One key question is how these epigenetic changes—the sum of the various modifications to particular genes—are set up early in development and affect how our genes are programmed throughout our lives.

As a result, the programme does much work at this development stage and is learning much from early human embryos.

“We have wonderful model systems, but they don’t always perfectly recapitulate exactly what goes on during human development,” says Kelsey. “That’s why it's vital we translate what we know from models, such as mouse, into human systems; looking at the epigenetic processes happening in the very early embryo, as different cell types start to emerge from what is otherwise a ball of identical cells, is really exciting and transforming what we know about early human development.”

Answering these questions over the next four years depends on the best scientists – research and technical, a bold vision, and the capability to realise it, which is what makes the Institute world leading in the field. “What's really exciting, particularly in Peter Rugg-Gunn's group, is the development of single-cell technologies and these amazingly sensitive methods that allow us to map epigenetic marks over genes in individual cells. Until now, we've only been able to do this for individual epigenetic marks, but his team has developed a technique to look at multiple different modifications in a single cell, which will be a game changer,” he explains.

The Epigenetics programme has also been strengthened by strategic appointments in 2022 when Dr Sophie Trefely and Dr Teresa Rayon joined the Institute. Rayon’s group is interested in the rate at which organisms develop and how this might be linked to lifespan. The mechanisms underlying biological timing remain largely unknown so, by comparing what happens during development in mice versus humans, she is working on what controls biological timing and whether we can modulate developmental timing and extend lifespan.
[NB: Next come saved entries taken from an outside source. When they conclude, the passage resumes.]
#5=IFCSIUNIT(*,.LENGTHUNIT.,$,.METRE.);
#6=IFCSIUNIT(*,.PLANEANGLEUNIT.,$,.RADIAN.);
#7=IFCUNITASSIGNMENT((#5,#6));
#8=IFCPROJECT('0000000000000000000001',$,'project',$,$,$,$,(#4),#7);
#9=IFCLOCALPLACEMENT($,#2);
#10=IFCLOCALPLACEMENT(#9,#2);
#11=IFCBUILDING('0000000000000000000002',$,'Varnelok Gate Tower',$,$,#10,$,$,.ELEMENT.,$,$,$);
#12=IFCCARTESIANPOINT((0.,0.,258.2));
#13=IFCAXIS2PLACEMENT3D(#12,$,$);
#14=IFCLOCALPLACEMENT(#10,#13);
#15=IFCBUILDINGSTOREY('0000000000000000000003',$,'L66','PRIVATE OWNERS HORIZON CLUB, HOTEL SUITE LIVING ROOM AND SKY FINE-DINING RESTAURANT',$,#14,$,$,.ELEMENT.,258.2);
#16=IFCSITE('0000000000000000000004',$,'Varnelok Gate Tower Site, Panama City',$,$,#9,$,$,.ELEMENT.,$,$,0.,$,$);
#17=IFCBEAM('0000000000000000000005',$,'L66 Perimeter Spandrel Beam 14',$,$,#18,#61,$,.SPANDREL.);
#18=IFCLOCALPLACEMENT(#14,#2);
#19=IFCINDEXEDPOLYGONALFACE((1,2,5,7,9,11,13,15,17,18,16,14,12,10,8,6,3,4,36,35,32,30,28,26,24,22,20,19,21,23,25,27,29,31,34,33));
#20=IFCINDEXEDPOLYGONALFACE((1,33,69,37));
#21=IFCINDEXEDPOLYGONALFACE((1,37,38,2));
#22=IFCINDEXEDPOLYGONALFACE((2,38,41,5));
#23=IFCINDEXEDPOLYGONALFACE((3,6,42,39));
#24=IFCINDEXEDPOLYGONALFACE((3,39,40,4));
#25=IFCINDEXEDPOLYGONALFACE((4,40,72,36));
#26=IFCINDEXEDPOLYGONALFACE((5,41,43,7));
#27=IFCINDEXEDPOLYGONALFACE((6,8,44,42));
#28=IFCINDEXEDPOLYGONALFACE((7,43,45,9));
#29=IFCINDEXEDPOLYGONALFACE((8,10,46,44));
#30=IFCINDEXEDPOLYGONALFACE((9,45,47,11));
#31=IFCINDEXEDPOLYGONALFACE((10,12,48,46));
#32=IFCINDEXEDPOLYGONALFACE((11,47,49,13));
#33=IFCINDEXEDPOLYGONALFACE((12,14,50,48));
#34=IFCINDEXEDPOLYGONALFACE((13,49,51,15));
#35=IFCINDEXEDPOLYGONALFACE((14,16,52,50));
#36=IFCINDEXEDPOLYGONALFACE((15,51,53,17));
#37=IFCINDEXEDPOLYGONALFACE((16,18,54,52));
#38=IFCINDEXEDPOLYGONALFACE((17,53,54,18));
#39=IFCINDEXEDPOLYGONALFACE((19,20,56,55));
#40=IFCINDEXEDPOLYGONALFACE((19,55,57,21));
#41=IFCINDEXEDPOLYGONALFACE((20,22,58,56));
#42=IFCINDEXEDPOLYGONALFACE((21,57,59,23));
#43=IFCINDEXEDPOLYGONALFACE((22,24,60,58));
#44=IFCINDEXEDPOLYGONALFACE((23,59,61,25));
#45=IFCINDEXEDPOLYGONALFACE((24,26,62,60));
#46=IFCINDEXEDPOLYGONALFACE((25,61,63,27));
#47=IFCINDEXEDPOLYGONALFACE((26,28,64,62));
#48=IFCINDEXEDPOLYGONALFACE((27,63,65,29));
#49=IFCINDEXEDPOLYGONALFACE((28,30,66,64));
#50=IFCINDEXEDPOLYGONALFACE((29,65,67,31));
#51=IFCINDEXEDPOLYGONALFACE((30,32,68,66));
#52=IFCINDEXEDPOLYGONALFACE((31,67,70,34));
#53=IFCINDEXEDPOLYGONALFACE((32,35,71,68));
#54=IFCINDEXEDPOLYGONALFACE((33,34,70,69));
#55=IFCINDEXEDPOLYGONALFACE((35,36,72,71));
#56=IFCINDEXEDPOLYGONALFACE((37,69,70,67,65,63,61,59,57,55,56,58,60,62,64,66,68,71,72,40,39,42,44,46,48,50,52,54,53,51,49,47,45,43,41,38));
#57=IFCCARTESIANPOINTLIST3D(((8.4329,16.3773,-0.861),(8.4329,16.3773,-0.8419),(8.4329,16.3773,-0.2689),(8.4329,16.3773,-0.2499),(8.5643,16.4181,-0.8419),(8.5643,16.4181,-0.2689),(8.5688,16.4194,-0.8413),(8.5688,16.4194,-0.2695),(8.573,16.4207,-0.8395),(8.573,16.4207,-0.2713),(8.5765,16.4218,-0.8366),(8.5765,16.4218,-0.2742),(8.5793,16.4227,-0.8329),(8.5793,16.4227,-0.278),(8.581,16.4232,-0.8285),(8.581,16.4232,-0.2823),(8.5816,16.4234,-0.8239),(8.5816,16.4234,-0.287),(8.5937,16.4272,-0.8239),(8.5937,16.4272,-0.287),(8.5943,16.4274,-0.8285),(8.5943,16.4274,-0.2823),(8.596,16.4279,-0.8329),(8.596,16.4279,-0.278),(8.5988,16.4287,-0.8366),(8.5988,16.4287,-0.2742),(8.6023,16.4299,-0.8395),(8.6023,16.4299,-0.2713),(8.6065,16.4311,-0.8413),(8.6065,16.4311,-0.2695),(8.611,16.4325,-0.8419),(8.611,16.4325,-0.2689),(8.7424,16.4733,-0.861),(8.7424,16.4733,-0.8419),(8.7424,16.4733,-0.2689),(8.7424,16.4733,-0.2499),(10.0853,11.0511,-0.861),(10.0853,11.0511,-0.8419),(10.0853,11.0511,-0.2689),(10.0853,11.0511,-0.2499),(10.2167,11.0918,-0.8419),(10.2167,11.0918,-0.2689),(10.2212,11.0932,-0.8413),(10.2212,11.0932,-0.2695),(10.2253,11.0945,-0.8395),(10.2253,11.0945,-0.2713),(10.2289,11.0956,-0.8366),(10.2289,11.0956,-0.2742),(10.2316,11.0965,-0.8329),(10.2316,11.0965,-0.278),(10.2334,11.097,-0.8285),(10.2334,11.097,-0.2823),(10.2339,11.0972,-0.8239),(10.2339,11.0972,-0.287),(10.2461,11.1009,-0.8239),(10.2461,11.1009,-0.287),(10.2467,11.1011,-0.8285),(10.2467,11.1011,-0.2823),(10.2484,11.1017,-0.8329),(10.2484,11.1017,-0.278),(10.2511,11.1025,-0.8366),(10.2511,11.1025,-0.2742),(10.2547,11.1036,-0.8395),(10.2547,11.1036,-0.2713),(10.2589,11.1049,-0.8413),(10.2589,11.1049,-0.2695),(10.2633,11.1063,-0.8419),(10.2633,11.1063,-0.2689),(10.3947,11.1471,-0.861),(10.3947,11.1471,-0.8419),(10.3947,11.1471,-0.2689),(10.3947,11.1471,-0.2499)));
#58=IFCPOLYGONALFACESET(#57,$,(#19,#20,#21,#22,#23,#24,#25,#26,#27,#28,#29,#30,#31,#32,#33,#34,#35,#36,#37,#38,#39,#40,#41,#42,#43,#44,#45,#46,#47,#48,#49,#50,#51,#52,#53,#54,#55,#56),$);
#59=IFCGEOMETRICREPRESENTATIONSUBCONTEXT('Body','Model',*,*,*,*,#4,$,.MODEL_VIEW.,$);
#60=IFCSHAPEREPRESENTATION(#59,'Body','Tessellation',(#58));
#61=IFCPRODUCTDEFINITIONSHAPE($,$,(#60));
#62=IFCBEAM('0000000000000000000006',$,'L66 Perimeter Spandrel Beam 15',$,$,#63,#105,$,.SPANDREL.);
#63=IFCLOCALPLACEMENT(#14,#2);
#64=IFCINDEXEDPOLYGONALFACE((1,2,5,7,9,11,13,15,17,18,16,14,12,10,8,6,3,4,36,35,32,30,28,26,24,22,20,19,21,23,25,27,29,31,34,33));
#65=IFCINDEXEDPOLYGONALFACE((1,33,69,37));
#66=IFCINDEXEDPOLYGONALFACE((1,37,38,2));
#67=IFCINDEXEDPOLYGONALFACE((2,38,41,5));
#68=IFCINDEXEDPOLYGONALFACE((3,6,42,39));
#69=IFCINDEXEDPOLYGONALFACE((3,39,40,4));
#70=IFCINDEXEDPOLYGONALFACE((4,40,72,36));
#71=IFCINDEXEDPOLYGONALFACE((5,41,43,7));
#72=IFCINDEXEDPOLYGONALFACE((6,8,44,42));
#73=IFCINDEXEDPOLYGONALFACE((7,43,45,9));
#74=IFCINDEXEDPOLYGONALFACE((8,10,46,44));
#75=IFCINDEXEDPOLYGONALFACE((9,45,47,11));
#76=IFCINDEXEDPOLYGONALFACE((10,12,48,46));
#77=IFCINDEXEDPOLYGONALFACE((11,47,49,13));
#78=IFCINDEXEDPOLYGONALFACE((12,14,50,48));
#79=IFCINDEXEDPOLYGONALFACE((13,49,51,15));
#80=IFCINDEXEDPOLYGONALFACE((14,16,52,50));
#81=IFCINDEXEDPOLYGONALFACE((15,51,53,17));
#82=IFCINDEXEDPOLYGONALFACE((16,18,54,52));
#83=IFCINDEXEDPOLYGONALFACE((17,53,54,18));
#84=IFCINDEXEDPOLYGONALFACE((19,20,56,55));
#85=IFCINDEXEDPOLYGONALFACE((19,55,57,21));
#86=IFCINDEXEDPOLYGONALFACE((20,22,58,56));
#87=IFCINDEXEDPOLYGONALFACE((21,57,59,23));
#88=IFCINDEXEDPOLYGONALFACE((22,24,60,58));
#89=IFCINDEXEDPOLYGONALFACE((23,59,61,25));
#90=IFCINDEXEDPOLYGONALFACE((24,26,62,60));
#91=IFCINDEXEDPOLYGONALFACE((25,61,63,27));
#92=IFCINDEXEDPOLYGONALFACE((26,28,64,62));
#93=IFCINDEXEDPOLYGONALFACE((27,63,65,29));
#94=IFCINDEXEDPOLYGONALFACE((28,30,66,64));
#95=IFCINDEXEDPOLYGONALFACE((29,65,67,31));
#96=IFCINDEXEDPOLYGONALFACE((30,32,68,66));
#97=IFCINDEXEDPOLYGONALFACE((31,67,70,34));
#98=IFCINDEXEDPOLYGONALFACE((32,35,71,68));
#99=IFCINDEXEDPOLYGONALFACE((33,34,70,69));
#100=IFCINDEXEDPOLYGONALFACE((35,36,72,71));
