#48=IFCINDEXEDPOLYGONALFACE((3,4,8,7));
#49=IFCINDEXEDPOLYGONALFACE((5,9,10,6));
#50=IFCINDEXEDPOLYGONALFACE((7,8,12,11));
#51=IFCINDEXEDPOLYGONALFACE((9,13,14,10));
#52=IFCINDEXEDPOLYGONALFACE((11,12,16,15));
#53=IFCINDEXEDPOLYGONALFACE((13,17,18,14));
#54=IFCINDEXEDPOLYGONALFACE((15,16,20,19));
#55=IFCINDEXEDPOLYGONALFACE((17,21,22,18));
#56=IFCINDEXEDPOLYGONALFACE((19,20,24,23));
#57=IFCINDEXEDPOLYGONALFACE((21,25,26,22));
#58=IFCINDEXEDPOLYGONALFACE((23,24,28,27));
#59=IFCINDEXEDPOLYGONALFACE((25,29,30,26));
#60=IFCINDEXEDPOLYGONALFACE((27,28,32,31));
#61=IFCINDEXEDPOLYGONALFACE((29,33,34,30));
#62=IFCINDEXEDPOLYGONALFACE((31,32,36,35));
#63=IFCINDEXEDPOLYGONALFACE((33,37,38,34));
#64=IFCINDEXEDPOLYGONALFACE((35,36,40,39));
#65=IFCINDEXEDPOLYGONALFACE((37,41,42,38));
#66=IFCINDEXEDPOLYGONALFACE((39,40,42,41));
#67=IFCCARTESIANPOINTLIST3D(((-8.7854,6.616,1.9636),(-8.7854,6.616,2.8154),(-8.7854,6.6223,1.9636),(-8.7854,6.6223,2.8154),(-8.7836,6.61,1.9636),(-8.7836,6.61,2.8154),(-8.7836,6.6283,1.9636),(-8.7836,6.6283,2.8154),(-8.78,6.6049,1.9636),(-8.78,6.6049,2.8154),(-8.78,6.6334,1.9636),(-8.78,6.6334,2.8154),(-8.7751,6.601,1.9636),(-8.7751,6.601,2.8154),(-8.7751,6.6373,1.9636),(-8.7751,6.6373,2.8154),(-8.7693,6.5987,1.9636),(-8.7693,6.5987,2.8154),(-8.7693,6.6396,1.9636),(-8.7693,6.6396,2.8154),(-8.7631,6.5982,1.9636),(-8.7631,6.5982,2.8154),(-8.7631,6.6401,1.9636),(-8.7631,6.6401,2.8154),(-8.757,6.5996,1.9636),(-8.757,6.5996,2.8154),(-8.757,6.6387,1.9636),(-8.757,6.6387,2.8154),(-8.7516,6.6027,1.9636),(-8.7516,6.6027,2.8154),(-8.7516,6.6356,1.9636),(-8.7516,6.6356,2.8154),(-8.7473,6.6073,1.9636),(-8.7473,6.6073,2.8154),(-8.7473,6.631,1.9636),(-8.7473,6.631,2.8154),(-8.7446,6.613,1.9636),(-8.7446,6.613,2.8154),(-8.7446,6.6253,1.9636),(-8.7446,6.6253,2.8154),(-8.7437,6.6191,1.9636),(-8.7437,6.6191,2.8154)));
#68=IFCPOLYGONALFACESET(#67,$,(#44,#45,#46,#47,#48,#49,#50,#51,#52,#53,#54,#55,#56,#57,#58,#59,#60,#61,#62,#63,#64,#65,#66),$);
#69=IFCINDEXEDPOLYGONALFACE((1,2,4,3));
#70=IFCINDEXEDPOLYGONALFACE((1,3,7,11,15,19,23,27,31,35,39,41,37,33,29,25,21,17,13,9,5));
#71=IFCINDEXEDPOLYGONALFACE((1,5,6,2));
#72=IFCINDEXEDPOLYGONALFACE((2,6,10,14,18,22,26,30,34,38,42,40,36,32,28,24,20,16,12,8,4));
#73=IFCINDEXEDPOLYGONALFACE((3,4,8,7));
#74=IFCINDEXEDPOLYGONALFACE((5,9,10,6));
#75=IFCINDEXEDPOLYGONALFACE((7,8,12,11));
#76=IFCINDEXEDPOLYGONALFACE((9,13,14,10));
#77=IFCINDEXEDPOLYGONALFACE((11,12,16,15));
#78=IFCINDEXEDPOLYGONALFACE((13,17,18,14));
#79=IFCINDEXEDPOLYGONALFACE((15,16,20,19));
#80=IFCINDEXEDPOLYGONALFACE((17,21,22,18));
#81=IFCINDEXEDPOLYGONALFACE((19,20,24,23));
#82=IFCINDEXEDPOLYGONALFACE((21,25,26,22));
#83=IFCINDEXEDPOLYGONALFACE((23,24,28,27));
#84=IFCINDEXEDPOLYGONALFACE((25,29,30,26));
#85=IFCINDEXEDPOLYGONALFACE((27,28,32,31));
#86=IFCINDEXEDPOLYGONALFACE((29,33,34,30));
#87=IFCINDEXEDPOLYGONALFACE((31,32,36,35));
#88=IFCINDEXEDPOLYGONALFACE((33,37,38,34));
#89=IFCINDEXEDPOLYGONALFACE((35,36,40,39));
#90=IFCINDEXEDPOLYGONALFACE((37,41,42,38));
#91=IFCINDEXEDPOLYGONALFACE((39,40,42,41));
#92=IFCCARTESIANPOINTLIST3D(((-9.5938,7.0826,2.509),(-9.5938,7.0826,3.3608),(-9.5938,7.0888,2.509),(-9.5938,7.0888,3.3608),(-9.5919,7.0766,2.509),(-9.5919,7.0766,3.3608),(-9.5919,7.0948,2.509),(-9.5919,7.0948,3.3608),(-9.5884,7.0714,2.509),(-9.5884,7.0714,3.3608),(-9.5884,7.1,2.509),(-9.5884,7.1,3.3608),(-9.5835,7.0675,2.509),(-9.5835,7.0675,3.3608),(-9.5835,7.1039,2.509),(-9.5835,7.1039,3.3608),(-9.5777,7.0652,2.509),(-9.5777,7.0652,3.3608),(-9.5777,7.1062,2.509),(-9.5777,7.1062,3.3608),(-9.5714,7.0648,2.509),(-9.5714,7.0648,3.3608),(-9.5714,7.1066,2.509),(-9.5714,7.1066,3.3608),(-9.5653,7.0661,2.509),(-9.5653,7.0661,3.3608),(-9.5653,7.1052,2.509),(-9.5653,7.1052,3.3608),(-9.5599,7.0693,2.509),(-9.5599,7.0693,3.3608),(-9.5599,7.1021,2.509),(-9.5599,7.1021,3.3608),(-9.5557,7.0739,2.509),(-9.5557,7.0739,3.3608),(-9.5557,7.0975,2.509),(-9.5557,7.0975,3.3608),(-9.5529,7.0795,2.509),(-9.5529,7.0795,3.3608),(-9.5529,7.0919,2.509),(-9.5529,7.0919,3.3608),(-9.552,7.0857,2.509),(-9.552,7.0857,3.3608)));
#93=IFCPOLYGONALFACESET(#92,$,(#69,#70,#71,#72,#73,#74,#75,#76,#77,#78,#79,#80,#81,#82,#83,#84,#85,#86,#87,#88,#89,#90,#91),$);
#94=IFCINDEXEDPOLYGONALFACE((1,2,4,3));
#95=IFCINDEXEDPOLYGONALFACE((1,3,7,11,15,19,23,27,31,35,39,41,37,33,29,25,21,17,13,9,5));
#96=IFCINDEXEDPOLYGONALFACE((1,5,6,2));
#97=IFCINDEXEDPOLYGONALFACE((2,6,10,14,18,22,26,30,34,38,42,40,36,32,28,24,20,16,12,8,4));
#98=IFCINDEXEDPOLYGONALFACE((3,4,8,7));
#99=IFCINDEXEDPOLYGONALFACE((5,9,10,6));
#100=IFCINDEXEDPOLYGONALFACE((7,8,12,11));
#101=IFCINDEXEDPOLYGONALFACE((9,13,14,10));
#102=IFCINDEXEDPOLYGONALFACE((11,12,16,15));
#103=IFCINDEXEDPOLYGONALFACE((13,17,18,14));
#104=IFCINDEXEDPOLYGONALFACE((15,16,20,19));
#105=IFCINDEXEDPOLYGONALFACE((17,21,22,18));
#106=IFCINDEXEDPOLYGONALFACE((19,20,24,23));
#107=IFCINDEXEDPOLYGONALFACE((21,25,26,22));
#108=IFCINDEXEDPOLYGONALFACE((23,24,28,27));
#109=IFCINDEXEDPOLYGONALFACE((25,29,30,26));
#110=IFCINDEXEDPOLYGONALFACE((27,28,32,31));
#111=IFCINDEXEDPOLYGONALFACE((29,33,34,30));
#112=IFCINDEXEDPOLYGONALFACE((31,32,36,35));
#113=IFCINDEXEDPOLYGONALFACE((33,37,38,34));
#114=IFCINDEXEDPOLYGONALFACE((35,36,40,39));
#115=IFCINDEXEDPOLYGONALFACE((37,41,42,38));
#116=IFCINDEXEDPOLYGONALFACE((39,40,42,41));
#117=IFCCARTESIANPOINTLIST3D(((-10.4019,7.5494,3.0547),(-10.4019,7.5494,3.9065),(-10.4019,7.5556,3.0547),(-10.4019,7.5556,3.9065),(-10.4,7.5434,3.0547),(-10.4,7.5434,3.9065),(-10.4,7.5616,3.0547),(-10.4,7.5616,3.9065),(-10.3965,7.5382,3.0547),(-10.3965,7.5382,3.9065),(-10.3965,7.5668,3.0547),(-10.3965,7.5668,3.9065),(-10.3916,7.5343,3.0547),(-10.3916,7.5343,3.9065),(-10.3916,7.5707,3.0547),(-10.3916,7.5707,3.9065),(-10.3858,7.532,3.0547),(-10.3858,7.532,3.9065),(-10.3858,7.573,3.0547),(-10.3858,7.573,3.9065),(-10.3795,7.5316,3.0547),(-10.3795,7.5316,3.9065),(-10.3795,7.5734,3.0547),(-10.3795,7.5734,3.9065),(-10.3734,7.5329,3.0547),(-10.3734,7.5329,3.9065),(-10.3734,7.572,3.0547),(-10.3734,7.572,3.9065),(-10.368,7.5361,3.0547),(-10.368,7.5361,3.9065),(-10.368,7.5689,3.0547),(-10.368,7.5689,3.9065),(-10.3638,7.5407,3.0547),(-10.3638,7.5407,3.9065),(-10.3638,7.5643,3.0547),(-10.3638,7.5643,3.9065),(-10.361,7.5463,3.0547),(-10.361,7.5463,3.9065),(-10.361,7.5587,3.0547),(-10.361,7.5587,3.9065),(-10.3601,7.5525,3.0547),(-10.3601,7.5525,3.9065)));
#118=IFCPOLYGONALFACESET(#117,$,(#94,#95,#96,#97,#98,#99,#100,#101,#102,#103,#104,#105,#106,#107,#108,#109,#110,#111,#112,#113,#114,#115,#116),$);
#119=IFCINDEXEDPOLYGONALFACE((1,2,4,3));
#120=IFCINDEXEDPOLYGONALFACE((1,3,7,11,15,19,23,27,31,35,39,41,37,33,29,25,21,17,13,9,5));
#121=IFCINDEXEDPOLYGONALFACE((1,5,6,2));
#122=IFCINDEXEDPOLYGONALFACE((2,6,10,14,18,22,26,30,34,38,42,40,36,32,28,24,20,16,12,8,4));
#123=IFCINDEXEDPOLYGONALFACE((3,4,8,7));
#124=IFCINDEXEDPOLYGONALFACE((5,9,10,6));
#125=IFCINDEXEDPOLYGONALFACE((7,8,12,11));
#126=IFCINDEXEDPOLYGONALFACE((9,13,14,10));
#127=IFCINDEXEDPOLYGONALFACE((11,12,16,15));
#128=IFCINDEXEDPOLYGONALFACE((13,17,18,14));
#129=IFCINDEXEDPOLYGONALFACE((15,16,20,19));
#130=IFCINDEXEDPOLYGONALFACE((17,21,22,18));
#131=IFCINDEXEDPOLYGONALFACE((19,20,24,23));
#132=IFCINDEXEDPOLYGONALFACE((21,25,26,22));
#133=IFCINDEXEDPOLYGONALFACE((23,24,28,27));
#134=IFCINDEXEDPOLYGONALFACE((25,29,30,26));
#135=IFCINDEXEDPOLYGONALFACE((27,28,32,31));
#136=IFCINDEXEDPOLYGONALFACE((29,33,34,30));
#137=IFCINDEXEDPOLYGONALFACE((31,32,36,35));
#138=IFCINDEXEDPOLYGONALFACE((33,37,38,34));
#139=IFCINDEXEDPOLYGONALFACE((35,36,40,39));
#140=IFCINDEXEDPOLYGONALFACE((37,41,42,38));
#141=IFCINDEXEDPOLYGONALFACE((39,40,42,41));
Trefely is interested in metabolism and the fact that within the cell, metabolites are not uniformly distributed. Some are produced in particular organelles, such as mitochondria, but to impact DNA regulation, metabolites must act in the cell’s nucleus. “She is using elegant methods to examine the metabolic profile of a nucleus, altering the cell’s metabolic regime to discover how metabolites change in the nucleus. Using these new technologies, we can discover what happens at the interface between metabolites and gene regulation," explains Kelsey.

Trefely and Rayon are joint appointments, bridging the Epigenetic and Signalling programmes, and an example of how the synergies between the Institute’s three programmes mean advances in one translate into advances across the others.

On a personal level, Kelsey—who joined the Institute in 1995—is trying to age healthily. “I’m going to the gym regularly for the first time in my life and enjoying it. I try to eat healthily and maintain a healthy weight. I try to be less sedentary, hence my standing desk. But I’ve never tried intermittent fasting,” he concludes. “I think I’d find fasting quite difficult. I'm already begging for a croissant at 9am, despite having had breakfast. It’s habit, rather than necessity!”